Location
- Croft Lane Cherry Willingham, Lincolnshire, LN3 4JP England 53°14′46″N 0°27′24″W﻿ / ﻿53.24601°N 0.45679°W

Information
- Type: Academy
- Established: 2017
- Local authority: Lincolnshire
- Department for Education URN: 145052 Tables
- Ofsted: Reports
- Chair of Governors: Tracey Wood
- Headteacher: Helen Spoors
- Age: 11 to 16
- Enrolment: 449

= Priory Pembroke Academy =

Secondary school in Lincoln

The Priory Pembroke Academy (formerly Cherry Willingham Community School, Cherry Willingham Comprehensive School and Cherry Willingham Secondary Modern School) is a school for pupils aged 11–16 on Croft Lane in the village Cherry Willingham, located just outside the city of Lincoln, England.

It opened under its current name in September 2017, under The Priory Federation of Academies. It was named for William Marshal, 1st Earl of Pembroke.

==History==
===Secondary modern school===
Cherry Willingham Secondary Modern School was built during 1964–65, and opened in 1965 to serve the villages of Cherry Willingham, Reepham, Fiskerton, Greetwell, Langworth, Nettleham, Apley, Bullington, Barlings, Fulnetby, Goltho, Holton cum Beckering, Newball, Rand, Scothern, Stainfield, Stainton by Langworth, Sudbrooke, and Wragby. It would be for 270.

Right from the start, Nettleham people did not want to go to the school, and neither did Wragby, who questioned if GCE courses would be possible. After many complaints in January 1962, Wragby was removed from the plan. It would cost £132,904. The plan was approved at the end of April 1962.

The school replaced the old secondary school that was sited at Fiskerton and many of the teachers who taught at Fiskerton transferred to Cherry Willingham. The first headteacher was Jock Borthwick, appointed in In October 1964. He had been a maths teacher at High Holme Secondary Modern in Louth since 1956. It was officially opened on Monday 25 October 1965 by John Scupham, who attended the De Aston School.

Pupils who passed the eleven-plus examination and went on to a grammar school, went either to Lincoln or to De Aston School in Market Rasen. This situation continued until 1974, when the education system was reformed through the Local Government Act 1972, after which administration of the school was transferred from Lindsey Education Committee to Lincolnshire County Council.

In 1970, Lindsey County Council decided to enlarge the school, so that people from Scothern would go there, and not to the William Farr School. In 1970 O-level courses were introduced in two subjects, and the school would go comprehensive by 1974.

===Comprehensive===
After the 1970s reform of the education system, Cherry Willingham changed from a secondary modern to a comprehensive school, and built what became known as the New Block to house the rising number of pupils. Mobile classrooms were also housed on the playground.

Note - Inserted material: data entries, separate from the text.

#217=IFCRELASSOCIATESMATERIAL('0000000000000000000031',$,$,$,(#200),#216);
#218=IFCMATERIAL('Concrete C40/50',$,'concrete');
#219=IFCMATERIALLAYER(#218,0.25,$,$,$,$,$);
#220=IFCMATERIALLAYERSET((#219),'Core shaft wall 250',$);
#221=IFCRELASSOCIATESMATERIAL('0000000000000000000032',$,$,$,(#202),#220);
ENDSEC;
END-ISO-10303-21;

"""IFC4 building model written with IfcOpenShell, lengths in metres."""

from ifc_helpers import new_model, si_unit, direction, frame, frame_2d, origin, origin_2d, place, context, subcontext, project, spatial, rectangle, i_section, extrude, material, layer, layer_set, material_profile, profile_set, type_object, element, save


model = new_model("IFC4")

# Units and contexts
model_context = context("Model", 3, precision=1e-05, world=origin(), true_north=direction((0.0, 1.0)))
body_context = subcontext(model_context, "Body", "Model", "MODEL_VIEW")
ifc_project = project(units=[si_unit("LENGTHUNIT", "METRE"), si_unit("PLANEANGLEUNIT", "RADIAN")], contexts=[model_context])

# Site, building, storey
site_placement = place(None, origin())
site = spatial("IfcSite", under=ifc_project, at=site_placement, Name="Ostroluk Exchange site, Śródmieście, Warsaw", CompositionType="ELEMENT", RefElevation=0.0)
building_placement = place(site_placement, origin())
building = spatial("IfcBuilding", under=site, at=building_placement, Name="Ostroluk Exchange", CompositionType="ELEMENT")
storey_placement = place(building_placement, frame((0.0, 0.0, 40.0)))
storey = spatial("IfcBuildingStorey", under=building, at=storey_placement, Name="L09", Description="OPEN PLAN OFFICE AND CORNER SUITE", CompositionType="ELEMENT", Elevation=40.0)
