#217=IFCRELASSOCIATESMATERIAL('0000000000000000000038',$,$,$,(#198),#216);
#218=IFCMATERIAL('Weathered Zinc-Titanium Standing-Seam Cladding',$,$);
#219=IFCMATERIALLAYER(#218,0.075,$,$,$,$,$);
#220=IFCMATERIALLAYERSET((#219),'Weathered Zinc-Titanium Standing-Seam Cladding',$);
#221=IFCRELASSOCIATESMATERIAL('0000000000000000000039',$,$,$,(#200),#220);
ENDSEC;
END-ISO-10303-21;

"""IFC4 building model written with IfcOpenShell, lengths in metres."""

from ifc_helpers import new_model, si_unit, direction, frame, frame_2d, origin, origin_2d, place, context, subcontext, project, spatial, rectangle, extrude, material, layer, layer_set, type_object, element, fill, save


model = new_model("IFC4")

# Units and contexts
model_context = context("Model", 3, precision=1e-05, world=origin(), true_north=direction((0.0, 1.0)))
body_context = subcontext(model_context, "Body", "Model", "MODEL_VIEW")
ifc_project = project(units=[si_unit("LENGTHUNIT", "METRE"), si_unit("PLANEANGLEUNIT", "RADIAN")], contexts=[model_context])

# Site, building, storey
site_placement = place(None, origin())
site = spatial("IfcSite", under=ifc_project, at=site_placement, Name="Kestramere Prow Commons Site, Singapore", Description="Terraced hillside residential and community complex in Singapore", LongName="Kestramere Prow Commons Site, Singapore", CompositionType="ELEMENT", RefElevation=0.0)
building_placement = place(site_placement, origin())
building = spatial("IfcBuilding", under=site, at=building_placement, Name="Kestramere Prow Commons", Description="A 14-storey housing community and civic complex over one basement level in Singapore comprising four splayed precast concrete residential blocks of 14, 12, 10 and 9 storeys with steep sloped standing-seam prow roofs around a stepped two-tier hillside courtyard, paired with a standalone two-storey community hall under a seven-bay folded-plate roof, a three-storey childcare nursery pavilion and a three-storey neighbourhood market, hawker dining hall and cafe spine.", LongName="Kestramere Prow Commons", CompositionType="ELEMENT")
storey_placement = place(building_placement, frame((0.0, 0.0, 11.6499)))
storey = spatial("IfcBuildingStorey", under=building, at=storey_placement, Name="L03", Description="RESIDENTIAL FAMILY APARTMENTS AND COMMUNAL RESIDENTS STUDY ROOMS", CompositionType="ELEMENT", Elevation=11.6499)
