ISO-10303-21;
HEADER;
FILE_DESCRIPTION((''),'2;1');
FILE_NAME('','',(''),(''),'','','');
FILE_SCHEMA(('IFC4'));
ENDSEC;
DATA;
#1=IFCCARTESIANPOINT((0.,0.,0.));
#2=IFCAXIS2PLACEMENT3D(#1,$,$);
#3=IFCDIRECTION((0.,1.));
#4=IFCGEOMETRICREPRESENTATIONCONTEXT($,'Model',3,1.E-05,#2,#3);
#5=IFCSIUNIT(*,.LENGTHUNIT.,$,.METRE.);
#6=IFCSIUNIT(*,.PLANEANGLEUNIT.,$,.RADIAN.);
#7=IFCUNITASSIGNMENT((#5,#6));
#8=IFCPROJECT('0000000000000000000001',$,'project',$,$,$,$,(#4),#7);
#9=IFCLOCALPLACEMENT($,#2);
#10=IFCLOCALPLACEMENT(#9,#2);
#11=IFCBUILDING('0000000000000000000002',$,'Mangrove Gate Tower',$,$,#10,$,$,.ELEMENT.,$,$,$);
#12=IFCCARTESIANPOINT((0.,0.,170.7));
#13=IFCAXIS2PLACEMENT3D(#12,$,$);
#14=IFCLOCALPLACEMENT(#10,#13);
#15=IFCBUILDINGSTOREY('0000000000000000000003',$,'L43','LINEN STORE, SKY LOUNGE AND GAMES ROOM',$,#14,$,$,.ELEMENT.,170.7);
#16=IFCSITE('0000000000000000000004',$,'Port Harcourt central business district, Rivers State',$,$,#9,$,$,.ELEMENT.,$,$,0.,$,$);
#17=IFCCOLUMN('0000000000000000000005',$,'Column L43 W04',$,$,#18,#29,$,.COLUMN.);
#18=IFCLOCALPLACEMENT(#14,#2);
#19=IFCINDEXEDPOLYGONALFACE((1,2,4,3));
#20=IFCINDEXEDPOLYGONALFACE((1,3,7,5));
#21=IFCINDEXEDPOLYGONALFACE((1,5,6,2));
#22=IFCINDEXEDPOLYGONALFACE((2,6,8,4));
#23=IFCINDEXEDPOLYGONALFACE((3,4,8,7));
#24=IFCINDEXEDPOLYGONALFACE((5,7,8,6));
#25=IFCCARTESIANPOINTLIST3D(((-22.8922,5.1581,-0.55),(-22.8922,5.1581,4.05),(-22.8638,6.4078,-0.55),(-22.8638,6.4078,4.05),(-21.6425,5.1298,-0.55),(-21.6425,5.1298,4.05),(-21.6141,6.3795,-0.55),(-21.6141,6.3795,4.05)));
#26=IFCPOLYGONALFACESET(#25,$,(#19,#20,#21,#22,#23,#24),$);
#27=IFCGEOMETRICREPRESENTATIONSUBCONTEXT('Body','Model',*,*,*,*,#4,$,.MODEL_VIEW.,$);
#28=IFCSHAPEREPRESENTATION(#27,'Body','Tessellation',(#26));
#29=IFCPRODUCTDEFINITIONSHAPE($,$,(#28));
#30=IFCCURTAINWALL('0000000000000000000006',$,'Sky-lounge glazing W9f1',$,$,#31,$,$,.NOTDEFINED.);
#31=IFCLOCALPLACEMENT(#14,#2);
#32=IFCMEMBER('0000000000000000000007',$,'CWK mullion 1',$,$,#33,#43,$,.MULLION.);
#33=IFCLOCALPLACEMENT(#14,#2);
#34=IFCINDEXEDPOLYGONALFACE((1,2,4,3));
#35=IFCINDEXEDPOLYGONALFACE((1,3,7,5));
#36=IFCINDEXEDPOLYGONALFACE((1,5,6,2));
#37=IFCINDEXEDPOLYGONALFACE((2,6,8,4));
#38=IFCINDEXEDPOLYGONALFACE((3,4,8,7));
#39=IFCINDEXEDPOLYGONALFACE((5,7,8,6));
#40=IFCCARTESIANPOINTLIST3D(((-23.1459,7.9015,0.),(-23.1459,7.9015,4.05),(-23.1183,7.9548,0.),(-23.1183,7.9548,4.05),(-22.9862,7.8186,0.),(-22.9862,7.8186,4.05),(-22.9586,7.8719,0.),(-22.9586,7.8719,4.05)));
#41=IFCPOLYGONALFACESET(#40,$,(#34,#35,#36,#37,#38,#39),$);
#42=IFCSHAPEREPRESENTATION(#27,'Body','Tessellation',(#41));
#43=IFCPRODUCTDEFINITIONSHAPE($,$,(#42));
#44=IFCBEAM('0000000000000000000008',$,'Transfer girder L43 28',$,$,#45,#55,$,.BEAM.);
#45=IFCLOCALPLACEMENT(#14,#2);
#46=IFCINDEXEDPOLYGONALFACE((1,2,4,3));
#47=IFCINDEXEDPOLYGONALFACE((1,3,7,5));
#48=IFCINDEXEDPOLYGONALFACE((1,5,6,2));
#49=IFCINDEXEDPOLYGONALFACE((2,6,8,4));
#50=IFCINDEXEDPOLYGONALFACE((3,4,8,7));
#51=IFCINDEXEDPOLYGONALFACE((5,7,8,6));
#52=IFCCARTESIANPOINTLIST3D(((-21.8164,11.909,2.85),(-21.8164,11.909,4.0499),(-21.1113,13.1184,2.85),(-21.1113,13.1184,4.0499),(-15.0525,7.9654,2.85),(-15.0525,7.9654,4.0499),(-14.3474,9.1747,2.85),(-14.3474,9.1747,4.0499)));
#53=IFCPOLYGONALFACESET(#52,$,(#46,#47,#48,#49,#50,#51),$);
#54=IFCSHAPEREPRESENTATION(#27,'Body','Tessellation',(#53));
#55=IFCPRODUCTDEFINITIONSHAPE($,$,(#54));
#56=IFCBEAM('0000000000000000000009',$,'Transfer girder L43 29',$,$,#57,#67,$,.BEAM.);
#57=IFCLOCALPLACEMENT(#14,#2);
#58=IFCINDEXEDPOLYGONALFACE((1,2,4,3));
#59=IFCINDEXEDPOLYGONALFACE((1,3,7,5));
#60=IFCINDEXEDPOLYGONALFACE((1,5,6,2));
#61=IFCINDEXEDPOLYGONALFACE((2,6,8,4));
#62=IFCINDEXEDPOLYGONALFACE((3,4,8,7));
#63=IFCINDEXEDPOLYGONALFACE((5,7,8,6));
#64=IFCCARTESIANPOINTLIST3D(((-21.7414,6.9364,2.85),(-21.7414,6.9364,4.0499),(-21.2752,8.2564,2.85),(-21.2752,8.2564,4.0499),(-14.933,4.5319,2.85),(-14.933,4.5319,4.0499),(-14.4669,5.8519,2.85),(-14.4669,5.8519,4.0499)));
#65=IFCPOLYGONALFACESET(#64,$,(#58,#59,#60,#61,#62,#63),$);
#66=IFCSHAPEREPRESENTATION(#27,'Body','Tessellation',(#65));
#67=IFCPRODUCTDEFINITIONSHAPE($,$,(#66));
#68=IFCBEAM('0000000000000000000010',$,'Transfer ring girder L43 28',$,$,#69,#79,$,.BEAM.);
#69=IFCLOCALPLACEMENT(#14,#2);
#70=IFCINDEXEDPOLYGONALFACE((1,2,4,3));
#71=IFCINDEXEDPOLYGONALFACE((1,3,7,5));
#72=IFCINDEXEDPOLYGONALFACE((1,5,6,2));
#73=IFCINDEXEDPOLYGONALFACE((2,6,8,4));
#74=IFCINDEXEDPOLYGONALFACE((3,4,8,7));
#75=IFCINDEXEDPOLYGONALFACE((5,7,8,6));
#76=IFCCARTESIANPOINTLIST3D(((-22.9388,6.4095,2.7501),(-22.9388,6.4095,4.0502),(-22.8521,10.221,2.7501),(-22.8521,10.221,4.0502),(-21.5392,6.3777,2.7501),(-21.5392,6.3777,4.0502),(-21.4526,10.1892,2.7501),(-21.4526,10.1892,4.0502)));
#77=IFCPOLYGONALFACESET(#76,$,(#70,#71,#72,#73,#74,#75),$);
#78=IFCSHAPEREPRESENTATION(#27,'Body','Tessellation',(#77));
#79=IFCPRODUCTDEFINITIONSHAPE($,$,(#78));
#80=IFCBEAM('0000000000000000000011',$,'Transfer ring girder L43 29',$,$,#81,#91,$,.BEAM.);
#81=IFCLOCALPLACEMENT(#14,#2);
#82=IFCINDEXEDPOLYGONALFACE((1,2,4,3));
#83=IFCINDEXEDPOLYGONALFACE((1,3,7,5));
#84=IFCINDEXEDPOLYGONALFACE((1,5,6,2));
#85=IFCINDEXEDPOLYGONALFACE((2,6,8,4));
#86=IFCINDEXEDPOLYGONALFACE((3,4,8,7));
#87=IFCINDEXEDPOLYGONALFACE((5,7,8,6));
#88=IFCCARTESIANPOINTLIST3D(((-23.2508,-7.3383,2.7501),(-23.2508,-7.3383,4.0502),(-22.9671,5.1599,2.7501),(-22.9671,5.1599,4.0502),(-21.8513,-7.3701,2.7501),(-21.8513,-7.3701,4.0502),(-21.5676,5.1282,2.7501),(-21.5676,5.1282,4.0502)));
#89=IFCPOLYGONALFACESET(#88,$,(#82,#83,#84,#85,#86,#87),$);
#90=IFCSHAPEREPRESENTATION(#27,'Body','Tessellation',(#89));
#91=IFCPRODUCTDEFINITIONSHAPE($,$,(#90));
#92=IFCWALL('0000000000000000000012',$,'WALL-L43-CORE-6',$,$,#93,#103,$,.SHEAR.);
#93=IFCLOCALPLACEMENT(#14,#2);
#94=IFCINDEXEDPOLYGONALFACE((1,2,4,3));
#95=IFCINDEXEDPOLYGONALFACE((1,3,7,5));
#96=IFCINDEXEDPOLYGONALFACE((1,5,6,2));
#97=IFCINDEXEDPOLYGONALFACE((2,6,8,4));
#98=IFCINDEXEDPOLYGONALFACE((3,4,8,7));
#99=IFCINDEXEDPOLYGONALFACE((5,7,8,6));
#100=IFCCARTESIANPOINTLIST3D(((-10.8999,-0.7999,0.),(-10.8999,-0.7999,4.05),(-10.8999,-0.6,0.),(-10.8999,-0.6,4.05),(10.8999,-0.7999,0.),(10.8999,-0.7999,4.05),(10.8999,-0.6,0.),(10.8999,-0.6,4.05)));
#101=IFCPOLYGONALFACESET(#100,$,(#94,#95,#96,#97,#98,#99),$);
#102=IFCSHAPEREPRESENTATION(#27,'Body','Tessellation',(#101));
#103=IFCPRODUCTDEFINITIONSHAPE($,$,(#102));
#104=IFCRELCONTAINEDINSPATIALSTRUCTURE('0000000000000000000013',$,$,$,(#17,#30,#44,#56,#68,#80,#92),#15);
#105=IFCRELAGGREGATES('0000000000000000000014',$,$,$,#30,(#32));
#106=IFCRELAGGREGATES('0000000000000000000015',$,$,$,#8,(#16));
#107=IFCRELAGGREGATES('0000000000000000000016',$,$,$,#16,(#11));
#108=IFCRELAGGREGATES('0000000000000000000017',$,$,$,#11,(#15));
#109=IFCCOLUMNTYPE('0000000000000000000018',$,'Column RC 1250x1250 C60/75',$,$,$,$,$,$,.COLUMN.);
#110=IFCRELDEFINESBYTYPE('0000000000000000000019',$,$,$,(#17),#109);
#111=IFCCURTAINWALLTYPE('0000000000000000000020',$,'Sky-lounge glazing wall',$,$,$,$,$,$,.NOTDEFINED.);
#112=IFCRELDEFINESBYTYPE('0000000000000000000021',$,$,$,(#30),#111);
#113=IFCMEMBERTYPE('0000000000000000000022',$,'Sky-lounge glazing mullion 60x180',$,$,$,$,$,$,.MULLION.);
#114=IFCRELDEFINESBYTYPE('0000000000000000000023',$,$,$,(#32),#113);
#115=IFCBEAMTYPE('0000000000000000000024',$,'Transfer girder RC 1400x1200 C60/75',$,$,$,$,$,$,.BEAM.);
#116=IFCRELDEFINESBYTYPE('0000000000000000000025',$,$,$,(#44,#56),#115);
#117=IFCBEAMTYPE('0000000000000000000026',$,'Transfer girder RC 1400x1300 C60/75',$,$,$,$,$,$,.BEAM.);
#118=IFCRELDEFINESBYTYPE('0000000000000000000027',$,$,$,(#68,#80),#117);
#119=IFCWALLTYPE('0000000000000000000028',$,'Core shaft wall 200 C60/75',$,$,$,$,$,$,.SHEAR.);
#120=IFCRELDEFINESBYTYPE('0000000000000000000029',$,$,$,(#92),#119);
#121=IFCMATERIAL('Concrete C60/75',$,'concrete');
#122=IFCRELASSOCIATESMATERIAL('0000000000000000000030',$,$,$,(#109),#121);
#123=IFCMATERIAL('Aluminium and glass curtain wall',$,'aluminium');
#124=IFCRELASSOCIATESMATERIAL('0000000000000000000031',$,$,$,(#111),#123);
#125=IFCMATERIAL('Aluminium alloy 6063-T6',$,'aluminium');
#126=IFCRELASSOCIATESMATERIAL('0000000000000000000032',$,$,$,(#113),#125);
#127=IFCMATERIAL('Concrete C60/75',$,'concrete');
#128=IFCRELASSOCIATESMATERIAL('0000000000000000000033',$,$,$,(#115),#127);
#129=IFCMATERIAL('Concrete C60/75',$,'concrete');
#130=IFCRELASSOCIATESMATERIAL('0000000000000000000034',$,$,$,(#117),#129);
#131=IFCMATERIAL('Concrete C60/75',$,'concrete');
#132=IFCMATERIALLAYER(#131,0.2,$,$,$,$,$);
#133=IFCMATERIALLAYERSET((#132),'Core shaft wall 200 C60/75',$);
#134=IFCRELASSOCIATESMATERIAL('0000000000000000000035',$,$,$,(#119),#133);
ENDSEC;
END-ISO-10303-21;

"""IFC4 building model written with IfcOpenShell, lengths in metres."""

from ifc_helpers import new_model, si_unit, direction, frame, frame_2d, origin, origin_2d, place, context, subcontext, project, spatial, rectangle, extrude, material, layer, layer_set, material_profile, profile_set, type_object, element, aggregate, save


model = new_model("IFC4")

# Units and contexts
model_context = context("Model", 3, precision=1e-05, world=origin(), true_north=direction((0.0, 1.0)))
body_context = subcontext(model_context, "Body", "Model", "MODEL_VIEW")
ifc_project = project(units=[si_unit("LENGTHUNIT", "METRE"), si_unit("PLANEANGLEUNIT", "RADIAN")], contexts=[model_context])

# Site, building, storey
site_placement = place(None, origin())
site = spatial("IfcSite", under=ifc_project, at=site_placement, Name="Port Harcourt central business district, Rivers State", CompositionType="ELEMENT", RefElevation=0.0)
building_placement = place(site_placement, origin())
building = spatial("IfcBuilding", under=site, at=building_placement, Name="Mangrove Gate Tower", CompositionType="ELEMENT")
storey_placement = place(building_placement, frame((0.0, 0.0, 170.7)))
storey = spatial("IfcBuildingStorey", under=building, at=storey_placement, Name="L43", Description="LINEN STORE, SKY LOUNGE AND GAMES ROOM", CompositionType="ELEMENT", Elevation=170.7)

# Column
ifc_material_1 = material(Name="Concrete C60/75", Category="concrete")
ifc_material_profile_1 = material_profile(ifc_material_1, rectangle(XDim=1.25, YDim=1.25, at=origin_2d()))
ifc_profile_set_1 = profile_set([ifc_material_profile_1], Name="Concrete C60/75")
column_type = type_object("IfcColumnType", Name="Column RC 1250x1250 C60/75", PredefinedType="COLUMN", material=ifc_profile_set_1)
column_placement = place(storey_placement, frame((-22.2532, 5.7688, -0.55), z_axis=(0.0, 0.0, 1.0), x_axis=(-0.022696, -0.999742, 0.0)))
element("IfcColumn", 1, at=column_placement, inside=storey, type_object=column_type, Name="Column L43 W04", PredefinedType="COLUMN", context=body_context, shape_type="SweptSolid", body=[
    extrude(rectangle(XDim=1.25, YDim=1.25, at=origin_2d()), origin(), (0.0, 0.0, 1.0), 4.6001),
])

# Curtain wall, member
ifc_material_2 = material(Name="Aluminium and glass curtain wall", Category="aluminium")
curtain_wall_type = type_object("IfcCurtainWallType", Name="Sky-lounge glazing wall", PredefinedType="NOTDEFINED", material=ifc_material_2)
curtain_wall_placement = place(storey_placement, origin())
curtain_wall = element("IfcCurtainWall", 2, at=curtain_wall_placement, inside=storey, type_object=curtain_wall_type, Name="Sky-lounge glazing W9f1", PredefinedType="NOTDEFINED")
ifc_material_3 = material(Name="Aluminium alloy 6063-T6", Category="aluminium")
ifc_material_profile_2 = material_profile(ifc_material_3, rectangle(XDim=0.0601, YDim=0.1799, at=origin_2d()))
ifc_profile_set_2 = profile_set([ifc_material_profile_2], Name="Aluminium alloy 6063-T6")
member_type = type_object("IfcMemberType", Name="Sky-lounge glazing mullion 60x180", PredefinedType="MULLION", material=ifc_profile_set_2)
member_placement = place(storey_placement, frame((-23.0522, 7.8867, 0.0), z_axis=(0.0, 0.0, 1.0), x_axis=(-0.460628, -0.887593, 0.0)))
member = element("IfcMember", 3, at=member_placement, type_object=member_type, Name="CWK mullion 1", PredefinedType="MULLION", context=body_context, shape_type="SweptSolid", body=[
    extrude(rectangle(XDim=0.0601, YDim=0.1799, at=origin_2d()), origin(), (0.0, 0.0, 1.0), 4.05),
])
aggregate(curtain_wall, [member])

In 1984 Jock Borthwick retired, Peter Fletcher replacing him as headmaster. Fletcher fought to save the school from closure as either Cherry Willingham or Sturton by Stow school was to close; Cherry Willingham survived. Fletcher left to become a Schools Inspector. John Whittle became headmaster in summer 1987, and David Mills in 1993.

During the late 1980s the mobile classrooms were removed. At this time the school had a small farm situated on the site of a previous outdoor swimming pool. The farm included rare breed chickens, ducks, rabbits and sheep, which the school exhibited at the Lincolnshire Show.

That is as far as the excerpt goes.